賢治の作品において、贅沢な食べ物を口にするものは、必ずと言っていいほど悲惨な結末が用意されている。(中略)こうした物語を書くことで、賢治は自らを断罪していたのだろうか。日々の糧にも困る農民たちにとっては夢のようなこれらのご馳走を、賢治は実際に食べることができる立場にあったのだから。



 宮沢賢治は地元花巻の名門一家に生まれました。恵まれ、裕福な環境です。しかし、恵まれた環境のもとに生まれながら、賢治の隣には常に「厳しい農村の姿」がありました。自分が食べるものに困らない中で、すぐ近くには、食べるものがなく、飢えに苦しんでいる人がいる・・・。そんな環境で培われていったのが、「自己犠牲」の精神です。

 小さい頃読んだ宮沢賢治の伝記漫画で、すごく記憶に残っている絵があります。豪華なご飯を前に、子供のころの賢治が張り裂けそうな顔をしているシーンです。「自分だけこんなに恵まれていてよいのだろうか」・・・そういった葛藤だと思います。

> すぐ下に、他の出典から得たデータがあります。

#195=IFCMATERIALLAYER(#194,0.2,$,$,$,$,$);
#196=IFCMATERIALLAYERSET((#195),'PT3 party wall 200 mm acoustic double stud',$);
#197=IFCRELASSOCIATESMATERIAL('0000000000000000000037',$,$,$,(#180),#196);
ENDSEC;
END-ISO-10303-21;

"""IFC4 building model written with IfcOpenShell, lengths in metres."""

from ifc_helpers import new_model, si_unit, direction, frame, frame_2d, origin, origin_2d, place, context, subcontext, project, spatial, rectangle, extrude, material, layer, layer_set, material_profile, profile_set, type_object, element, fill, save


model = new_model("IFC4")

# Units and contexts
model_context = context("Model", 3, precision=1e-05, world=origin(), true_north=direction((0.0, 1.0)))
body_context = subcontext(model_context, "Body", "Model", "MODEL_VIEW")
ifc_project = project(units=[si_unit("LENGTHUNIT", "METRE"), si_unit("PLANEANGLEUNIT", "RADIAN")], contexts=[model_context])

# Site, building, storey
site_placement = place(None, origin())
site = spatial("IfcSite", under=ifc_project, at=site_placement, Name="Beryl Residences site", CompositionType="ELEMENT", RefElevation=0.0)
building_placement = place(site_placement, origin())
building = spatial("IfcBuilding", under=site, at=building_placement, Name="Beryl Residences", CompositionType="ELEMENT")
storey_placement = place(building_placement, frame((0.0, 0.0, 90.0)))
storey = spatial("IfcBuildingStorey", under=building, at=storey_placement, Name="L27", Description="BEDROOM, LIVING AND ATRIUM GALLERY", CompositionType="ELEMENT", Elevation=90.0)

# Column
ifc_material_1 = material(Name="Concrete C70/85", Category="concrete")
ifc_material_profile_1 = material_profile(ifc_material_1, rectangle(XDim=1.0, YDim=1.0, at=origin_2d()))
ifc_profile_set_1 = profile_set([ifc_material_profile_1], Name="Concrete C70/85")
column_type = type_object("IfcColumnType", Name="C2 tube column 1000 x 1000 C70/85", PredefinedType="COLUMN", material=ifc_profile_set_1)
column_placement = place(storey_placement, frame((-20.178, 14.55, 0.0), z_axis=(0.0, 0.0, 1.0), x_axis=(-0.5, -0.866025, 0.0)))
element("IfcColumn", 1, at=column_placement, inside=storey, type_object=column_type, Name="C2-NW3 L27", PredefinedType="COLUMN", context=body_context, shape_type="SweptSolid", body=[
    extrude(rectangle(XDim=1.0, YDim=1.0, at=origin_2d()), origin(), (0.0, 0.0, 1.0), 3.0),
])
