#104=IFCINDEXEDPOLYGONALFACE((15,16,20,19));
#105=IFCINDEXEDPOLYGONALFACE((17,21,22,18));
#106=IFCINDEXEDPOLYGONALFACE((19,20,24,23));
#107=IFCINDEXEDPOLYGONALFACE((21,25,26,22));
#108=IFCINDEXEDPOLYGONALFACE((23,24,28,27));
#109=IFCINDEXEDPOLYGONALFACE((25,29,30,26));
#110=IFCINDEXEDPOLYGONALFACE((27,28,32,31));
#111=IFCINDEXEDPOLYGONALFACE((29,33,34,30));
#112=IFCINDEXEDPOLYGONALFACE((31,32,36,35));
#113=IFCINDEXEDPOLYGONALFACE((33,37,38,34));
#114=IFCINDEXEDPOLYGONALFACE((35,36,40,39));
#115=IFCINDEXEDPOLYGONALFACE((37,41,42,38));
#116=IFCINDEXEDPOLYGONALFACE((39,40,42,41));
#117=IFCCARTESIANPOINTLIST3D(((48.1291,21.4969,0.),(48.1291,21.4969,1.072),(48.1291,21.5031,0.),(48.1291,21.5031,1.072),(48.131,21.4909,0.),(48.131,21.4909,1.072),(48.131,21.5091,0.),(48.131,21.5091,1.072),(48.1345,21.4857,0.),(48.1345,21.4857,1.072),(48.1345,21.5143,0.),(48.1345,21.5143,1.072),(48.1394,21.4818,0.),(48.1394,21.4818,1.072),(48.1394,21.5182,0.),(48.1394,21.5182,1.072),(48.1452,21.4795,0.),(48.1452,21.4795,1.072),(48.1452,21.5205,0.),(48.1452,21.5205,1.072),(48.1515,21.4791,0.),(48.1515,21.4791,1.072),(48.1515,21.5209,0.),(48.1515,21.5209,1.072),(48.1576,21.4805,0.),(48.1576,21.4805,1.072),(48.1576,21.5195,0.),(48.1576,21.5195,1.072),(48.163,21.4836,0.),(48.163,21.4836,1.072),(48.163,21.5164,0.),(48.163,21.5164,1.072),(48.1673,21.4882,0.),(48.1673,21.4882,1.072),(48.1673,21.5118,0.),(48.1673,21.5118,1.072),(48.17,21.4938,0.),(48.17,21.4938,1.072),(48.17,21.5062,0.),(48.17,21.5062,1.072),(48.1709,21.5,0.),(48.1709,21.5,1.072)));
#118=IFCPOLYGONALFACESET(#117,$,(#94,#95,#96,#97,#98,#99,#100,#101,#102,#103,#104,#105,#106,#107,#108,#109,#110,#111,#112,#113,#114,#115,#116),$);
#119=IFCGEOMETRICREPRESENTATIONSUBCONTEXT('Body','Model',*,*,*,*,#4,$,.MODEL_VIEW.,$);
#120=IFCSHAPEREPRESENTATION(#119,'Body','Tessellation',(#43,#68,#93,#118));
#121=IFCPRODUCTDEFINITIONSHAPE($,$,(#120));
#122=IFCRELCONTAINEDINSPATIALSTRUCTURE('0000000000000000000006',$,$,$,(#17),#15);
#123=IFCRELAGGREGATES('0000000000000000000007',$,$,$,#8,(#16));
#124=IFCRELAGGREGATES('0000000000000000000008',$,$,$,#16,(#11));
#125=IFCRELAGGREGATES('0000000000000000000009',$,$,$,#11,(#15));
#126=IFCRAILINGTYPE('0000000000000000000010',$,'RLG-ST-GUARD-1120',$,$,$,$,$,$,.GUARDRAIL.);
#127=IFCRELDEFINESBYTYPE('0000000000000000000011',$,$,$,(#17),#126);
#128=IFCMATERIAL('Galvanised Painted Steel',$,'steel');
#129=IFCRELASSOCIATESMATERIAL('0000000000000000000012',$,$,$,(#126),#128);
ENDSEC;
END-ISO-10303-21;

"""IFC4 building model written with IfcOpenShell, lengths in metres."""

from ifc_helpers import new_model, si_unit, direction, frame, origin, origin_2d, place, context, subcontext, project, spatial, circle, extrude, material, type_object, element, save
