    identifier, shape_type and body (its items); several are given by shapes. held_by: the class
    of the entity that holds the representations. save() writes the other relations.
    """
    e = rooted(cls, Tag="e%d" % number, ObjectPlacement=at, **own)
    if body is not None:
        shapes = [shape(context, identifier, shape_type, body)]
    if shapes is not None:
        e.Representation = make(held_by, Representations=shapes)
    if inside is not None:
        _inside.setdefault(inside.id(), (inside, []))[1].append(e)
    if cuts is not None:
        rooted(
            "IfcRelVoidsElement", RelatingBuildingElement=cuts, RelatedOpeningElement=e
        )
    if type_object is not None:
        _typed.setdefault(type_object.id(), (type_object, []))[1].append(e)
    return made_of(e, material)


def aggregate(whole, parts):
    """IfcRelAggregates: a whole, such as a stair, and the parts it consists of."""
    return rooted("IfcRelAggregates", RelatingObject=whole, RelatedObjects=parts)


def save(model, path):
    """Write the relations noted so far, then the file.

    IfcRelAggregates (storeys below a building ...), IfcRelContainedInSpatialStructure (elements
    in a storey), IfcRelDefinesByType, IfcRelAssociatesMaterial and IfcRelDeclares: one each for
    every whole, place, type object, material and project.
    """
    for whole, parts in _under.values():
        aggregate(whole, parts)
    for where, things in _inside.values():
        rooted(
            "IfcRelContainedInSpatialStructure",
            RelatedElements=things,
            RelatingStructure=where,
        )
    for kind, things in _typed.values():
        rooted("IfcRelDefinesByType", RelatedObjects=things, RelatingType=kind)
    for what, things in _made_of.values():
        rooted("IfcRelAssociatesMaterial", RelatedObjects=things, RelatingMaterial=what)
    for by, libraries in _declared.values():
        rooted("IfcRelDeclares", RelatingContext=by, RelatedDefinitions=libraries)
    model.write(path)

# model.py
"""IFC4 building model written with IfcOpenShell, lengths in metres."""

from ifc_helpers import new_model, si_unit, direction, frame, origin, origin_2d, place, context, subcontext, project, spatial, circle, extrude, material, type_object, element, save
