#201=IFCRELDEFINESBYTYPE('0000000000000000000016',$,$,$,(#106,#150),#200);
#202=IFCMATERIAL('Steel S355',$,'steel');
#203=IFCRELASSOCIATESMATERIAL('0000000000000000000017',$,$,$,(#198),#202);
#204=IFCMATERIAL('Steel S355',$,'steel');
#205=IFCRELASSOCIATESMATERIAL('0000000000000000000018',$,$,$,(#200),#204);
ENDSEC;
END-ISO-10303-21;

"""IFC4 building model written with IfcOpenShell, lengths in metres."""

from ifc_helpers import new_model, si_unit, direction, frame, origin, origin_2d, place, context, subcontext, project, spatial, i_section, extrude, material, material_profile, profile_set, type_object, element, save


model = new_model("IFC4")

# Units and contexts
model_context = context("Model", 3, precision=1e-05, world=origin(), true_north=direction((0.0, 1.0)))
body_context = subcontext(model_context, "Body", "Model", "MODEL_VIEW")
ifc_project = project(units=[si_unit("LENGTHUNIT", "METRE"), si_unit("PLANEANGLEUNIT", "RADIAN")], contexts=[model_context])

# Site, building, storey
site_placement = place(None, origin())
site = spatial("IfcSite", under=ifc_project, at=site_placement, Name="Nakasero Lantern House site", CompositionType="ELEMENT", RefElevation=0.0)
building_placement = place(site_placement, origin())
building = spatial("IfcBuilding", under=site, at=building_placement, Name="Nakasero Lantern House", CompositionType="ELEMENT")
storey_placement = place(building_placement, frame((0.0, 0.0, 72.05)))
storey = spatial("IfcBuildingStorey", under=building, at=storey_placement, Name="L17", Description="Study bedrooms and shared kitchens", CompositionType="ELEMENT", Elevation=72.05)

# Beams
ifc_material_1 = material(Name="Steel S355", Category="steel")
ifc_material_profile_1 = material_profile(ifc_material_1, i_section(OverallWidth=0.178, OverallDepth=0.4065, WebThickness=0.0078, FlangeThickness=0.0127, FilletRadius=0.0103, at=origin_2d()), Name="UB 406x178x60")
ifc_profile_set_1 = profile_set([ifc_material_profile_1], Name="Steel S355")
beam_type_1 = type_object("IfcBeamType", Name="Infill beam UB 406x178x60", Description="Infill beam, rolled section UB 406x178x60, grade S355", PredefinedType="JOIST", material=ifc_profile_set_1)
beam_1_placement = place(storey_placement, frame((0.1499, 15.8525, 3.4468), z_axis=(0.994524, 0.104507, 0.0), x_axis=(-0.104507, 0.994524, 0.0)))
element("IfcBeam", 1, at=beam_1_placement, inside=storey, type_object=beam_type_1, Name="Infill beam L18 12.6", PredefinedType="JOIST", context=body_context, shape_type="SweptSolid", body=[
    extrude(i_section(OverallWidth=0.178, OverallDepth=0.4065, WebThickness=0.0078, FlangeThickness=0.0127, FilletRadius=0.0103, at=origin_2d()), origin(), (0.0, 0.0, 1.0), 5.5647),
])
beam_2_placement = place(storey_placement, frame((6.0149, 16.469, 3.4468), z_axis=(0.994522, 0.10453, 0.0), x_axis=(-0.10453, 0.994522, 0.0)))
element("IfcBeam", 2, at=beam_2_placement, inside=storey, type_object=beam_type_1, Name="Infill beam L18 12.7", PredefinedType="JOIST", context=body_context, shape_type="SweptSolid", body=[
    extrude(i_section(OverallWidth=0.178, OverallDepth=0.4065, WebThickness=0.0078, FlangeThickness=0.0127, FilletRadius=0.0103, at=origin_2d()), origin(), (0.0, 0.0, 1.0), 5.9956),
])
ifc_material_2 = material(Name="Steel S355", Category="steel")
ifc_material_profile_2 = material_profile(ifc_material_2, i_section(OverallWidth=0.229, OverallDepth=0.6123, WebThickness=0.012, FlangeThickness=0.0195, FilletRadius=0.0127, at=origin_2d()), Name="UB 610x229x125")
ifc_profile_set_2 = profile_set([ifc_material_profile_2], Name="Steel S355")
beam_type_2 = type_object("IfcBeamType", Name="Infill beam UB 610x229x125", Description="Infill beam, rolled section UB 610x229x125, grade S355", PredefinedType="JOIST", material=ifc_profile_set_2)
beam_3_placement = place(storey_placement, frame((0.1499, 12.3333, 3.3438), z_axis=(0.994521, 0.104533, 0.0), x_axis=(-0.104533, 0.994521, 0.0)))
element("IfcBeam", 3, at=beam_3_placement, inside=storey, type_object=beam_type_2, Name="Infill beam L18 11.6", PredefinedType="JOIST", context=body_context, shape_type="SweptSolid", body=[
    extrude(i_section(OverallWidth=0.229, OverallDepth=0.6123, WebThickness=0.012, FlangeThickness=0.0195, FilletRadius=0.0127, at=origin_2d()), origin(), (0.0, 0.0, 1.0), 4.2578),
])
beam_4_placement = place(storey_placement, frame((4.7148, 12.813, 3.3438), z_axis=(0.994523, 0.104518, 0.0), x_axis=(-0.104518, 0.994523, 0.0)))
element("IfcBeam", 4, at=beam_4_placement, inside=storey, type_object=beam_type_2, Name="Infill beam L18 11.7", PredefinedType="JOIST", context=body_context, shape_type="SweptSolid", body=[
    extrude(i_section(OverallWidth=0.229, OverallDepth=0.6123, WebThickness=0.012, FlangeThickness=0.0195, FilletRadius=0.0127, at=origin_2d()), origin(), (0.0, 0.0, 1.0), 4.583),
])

 今の日本人にも、少し共感できる部分はあるでしょうか。世界で貧困に苦しむ子供の姿を見た時、「日本人だけこんなに恵まれていていいのか」と思うことがあります。そういう気持ちは多くの人が持つのかもしれませんが、宮沢賢治の場合は、その自己犠牲の精神が徹底的に追求されていました。

おまへがたべるこのふたわんのゆきに
わたくしはいまこころからいのる
どうかこれが天上のアイスクリームになって
おまへとみんなとに聖い資糧をもたらすやうに
わたくしのすべてのさいはひをかけてねがふ



 教科書に載っていた「永訣の朝」という詩です。最愛の妹トシの死に際して作った詩なのですが、この最後の部分は圧巻です。妹の死は、最後に世界中に押し広げられます。「おまえと、世界のみんなに幸せをもたらしてくれるように」、それを、賢治は「わたくしのすべてのさいはひをかけて」願っています。自分などどうなってもいい、皆に幸せをもたらしてほしい。この徹底した自己犠牲の精神が、読むものの心を打ちます。特に日本人は、共感できる部分が多いのではないでしょうか。

その2 共感覚

 これは初めて聞く言葉でした。筆者が引用したのは、代表作「銀河鉄道の夜」で、ジョバンニとカムパネルラが「プリシオン海岸」の白い岩の上を銀河鉄道に向かって走る場面です。森の中からきれいな音色が聞こえてくるのですが・・・

だまってその譜を聞いていると、そこらいちめん黄いろやうすい緑の明るい野原か敷物かがひろがり、またまっ白な蝋のような露が太陽の面をかすめて行くように思はれました。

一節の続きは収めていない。